## 1 Introduction

Generative models are a popular approach to unsupervised machine learning. Generative neural network models are trained to produce data samples that resemble the training set. Because the number of model parameters is significantly smaller than the training data, the models are forced to discover efficient data representations. These models are sampled from a set of latent variables in a high dimensional space, here called a latent space. Latent space can be sampled to generate observable data values. Learned latent representations often also allow semantic operations with vector space arithmetic (Figure 1).

Generative models are often applied to datasets of images. Two popular generative models for image data are the Variational Autoencoder (VAE, Kingma & Welling, 2014) and the Generative Adversarial Network (GAN, Goodfellow et al., 2014). VAEs use the framework of probabilistic graphical models with an objective of maximizing a lower bound on the likelihood of the data. GANs instead formalize the training process as a competition between a generative network and a separate discriminative network. Though these two frameworks are very different, both construct high dimensional latent spaces that can be sampled to generate images resembling training set data. Moreover, these latent spaces are generally highly structured and can enable complex operations on the generated images by simple vector space arithmetic in the latent space (Larsen et al., 2016).

Generative models are beginning to find their way out of academia and into creative applications. In this paper we present techniques for improving the visual quality of generative models that are generally independent of the model itself. These include spherical linear interpolation, visualizing analogies with J-diagrams, and generating local manifolds with MINE grids. These techniques can be combined generate low dimensional embeddings of images close to the trained manifold. These can be used for visualization and creating realistic interpolations across latent space. Also by standardizing these operations independent of model type, the latent space of different generative models are more directly comparable with each other, exposing the strengths and weaknesses of various approaches.
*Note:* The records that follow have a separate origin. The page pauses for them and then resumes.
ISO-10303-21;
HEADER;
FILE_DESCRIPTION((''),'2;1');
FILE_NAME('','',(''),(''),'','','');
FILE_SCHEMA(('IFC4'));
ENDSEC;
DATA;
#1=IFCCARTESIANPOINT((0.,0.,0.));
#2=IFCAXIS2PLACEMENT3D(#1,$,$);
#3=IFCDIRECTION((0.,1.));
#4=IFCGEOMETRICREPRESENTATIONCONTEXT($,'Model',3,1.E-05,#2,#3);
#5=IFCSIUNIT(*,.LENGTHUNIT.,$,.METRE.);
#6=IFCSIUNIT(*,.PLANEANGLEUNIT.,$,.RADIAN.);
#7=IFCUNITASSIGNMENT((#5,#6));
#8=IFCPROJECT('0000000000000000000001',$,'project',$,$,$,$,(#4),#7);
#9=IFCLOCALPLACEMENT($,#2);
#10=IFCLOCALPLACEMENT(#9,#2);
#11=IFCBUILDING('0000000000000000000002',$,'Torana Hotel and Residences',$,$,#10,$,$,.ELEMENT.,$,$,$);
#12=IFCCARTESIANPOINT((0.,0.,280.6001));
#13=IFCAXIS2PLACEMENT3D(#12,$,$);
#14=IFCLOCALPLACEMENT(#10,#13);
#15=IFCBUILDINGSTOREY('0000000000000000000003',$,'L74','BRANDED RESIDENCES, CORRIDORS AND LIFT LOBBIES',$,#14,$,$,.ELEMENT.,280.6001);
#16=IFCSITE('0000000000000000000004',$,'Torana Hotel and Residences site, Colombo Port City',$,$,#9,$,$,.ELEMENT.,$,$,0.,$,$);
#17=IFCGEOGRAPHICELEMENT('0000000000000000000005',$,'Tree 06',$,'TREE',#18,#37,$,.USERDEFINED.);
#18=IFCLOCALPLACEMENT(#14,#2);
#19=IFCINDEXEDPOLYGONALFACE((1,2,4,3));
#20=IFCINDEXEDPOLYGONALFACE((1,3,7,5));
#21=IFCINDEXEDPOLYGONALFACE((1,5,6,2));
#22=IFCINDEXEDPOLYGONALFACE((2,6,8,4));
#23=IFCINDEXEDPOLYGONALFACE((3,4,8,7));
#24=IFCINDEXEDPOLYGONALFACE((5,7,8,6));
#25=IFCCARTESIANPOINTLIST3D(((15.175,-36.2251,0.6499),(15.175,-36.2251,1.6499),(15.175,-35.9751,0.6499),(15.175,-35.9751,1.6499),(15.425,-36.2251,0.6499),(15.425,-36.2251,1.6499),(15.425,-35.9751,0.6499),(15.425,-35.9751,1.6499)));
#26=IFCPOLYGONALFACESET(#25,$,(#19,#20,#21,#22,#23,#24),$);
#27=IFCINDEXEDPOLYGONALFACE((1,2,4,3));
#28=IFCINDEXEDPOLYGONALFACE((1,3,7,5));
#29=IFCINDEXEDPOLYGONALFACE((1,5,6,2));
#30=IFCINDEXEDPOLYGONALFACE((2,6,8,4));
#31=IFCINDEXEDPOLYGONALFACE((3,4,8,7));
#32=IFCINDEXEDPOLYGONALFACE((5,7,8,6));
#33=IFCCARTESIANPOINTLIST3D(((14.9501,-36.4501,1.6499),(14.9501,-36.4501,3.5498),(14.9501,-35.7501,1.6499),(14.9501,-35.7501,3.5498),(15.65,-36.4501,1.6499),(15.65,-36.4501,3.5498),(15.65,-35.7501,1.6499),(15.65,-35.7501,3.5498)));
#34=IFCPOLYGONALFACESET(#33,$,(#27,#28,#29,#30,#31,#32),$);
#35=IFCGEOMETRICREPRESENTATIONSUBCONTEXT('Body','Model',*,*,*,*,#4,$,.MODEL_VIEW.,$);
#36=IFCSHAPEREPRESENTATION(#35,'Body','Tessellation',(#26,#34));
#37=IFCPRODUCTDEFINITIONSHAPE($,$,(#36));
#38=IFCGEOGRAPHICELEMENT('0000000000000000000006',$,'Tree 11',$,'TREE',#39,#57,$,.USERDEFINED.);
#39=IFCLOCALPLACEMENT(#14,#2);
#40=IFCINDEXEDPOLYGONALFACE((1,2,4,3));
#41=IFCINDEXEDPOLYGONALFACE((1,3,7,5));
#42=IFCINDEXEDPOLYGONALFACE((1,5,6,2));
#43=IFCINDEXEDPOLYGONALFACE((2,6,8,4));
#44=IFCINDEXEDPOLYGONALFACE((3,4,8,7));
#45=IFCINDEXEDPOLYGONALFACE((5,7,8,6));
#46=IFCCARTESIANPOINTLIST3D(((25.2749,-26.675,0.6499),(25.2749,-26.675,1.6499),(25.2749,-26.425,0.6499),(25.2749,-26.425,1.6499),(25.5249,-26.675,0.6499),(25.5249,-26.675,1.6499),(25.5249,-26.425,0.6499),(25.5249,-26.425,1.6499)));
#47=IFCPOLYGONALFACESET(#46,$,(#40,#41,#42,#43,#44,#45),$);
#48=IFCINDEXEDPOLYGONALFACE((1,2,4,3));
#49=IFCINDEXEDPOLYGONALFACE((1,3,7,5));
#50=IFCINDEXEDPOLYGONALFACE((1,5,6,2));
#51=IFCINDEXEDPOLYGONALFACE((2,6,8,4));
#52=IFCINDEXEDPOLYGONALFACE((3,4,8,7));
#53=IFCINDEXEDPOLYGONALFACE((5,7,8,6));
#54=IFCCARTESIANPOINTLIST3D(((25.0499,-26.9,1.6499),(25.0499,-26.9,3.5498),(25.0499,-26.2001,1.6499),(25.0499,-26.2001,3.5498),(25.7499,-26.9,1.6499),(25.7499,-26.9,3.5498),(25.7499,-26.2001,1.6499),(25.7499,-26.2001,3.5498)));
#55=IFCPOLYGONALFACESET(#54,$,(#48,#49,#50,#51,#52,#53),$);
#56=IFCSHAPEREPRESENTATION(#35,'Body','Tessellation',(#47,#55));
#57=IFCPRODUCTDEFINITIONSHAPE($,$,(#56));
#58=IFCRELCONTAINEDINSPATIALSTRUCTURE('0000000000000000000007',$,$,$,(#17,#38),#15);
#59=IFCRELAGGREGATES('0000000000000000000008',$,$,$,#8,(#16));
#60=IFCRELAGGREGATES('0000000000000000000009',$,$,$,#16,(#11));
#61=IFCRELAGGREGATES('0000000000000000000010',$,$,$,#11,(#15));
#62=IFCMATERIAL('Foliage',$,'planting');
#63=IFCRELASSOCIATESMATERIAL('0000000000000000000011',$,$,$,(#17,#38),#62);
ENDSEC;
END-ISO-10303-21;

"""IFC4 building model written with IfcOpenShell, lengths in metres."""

from ifc_helpers import new_model, si_unit, direction, frame, origin, origin_2d, place, context, subcontext, project, spatial, rectangle, extrude, material, element, save


model = new_model("IFC4")

# Units and contexts
model_context = context("Model", 3, precision=1e-05, world=origin(), true_north=direction((0.0, 1.0)))
body_context = subcontext(model_context, "Body", "Model", "MODEL_VIEW")
ifc_project = project(units=[si_unit("LENGTHUNIT", "METRE"), si_unit("PLANEANGLEUNIT", "RADIAN")], contexts=[model_context])

# Site, building, storey
site_placement = place(None, origin())
site = spatial("IfcSite", under=ifc_project, at=site_placement, Name="Torana Hotel and Residences site, Colombo Port City", CompositionType="ELEMENT", RefElevation=0.0)
building_placement = place(site_placement, origin())
building = spatial("IfcBuilding", under=site, at=building_placement, Name="Torana Hotel and Residences", CompositionType="ELEMENT")
storey_placement = place(building_placement, frame((0.0, 0.0, 280.6001)))
storey = spatial("IfcBuildingStorey", under=building, at=storey_placement, Name="L74", Description="BRANDED RESIDENCES, CORRIDORS AND LIFT LOBBIES", CompositionType="ELEMENT", Elevation=280.6001)

# Geographic elements
ifc_material_1 = material(Name="Foliage", Category="planting")
for number, where, z_axis, x_axis, name in (
    (1, (15.3, -36.1001, 0.6499), (0.0, 0.0, 1.0), (1.0, 0.0, 0.0), "Tree 06"),
    (2, (25.3999, -26.55, 0.6499), (0.0, 0.0, 1.0), (1.0, 0.0, 0.0), "Tree 11"),
):
    element("IfcGeographicElement", number, at=place(storey_placement, frame(where, z_axis=z_axis, x_axis=x_axis)), inside=storey, material=ifc_material_1, Name=name, ObjectType="TREE", PredefinedType="USERDEFINED", context=body_context, shape_type="SweptSolid", body=[
        extrude(rectangle(XDim=0.25, YDim=0.25, at=origin_2d()), origin(), (0.0, 0.0, 1.0), 1.0),
        extrude(rectangle(XDim=0.7, YDim=0.7, at=origin_2d()), frame((0.0, 0.0, 1.0)), (0.0, 0.0, 1.0), 1.8999),
    ])

save(model, "model.ifc")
Additionally, two new techniques for building latent space attribute vectors are introduced. On labeled datasets with correlated labels, data replication can be used to create bias-corrected vectors. Synthetic attributes vectors also can be derived via data augmentation on unlabeled data. Quantitative analysis of attribute vectors can be performed by using them as the basis for attribute binary classifiers.

## 2 Sampling Techniques

Generative models are often evaluated by examining samples from the latent space. Techniques frequently used are random sampling and linear interpolation. But often these can result in sampling the latent space from locations very far outside the manifold of probable locations.

Our work has followed two useful principles when sampling the latent space of a generative model. The first is to avoid sampling from locations that are highly unlikely given the prior of the model. This technique is very well established - including being used in the original VAE paper which adjusted sampling through the inverse CDF of the Gaussian to accommodate the Gaussian prior (Kingma & Welling, 2014). The second principle is to recognize that the dimensionality of the latent space is often artificially high and may contains dead zones that are not on the manifold learned during training. This has been demonstrated for VAE models (Makhzani et al., 2016) and implies that simply matching the model’s prior will not always be sufficient to yield samples that appear to have been drawn from the training set.

### 2.1 Interpolation

Interpolation is used to traverse between two known locations in latent space. Research on generative models often uses interpolation as a way of demonstrating that a generative model has not simply memorized the training examples (eg: Radford et al., 2015, §6.1). In creative applications interpolations can be used to provide smooth transitions between two decoded images.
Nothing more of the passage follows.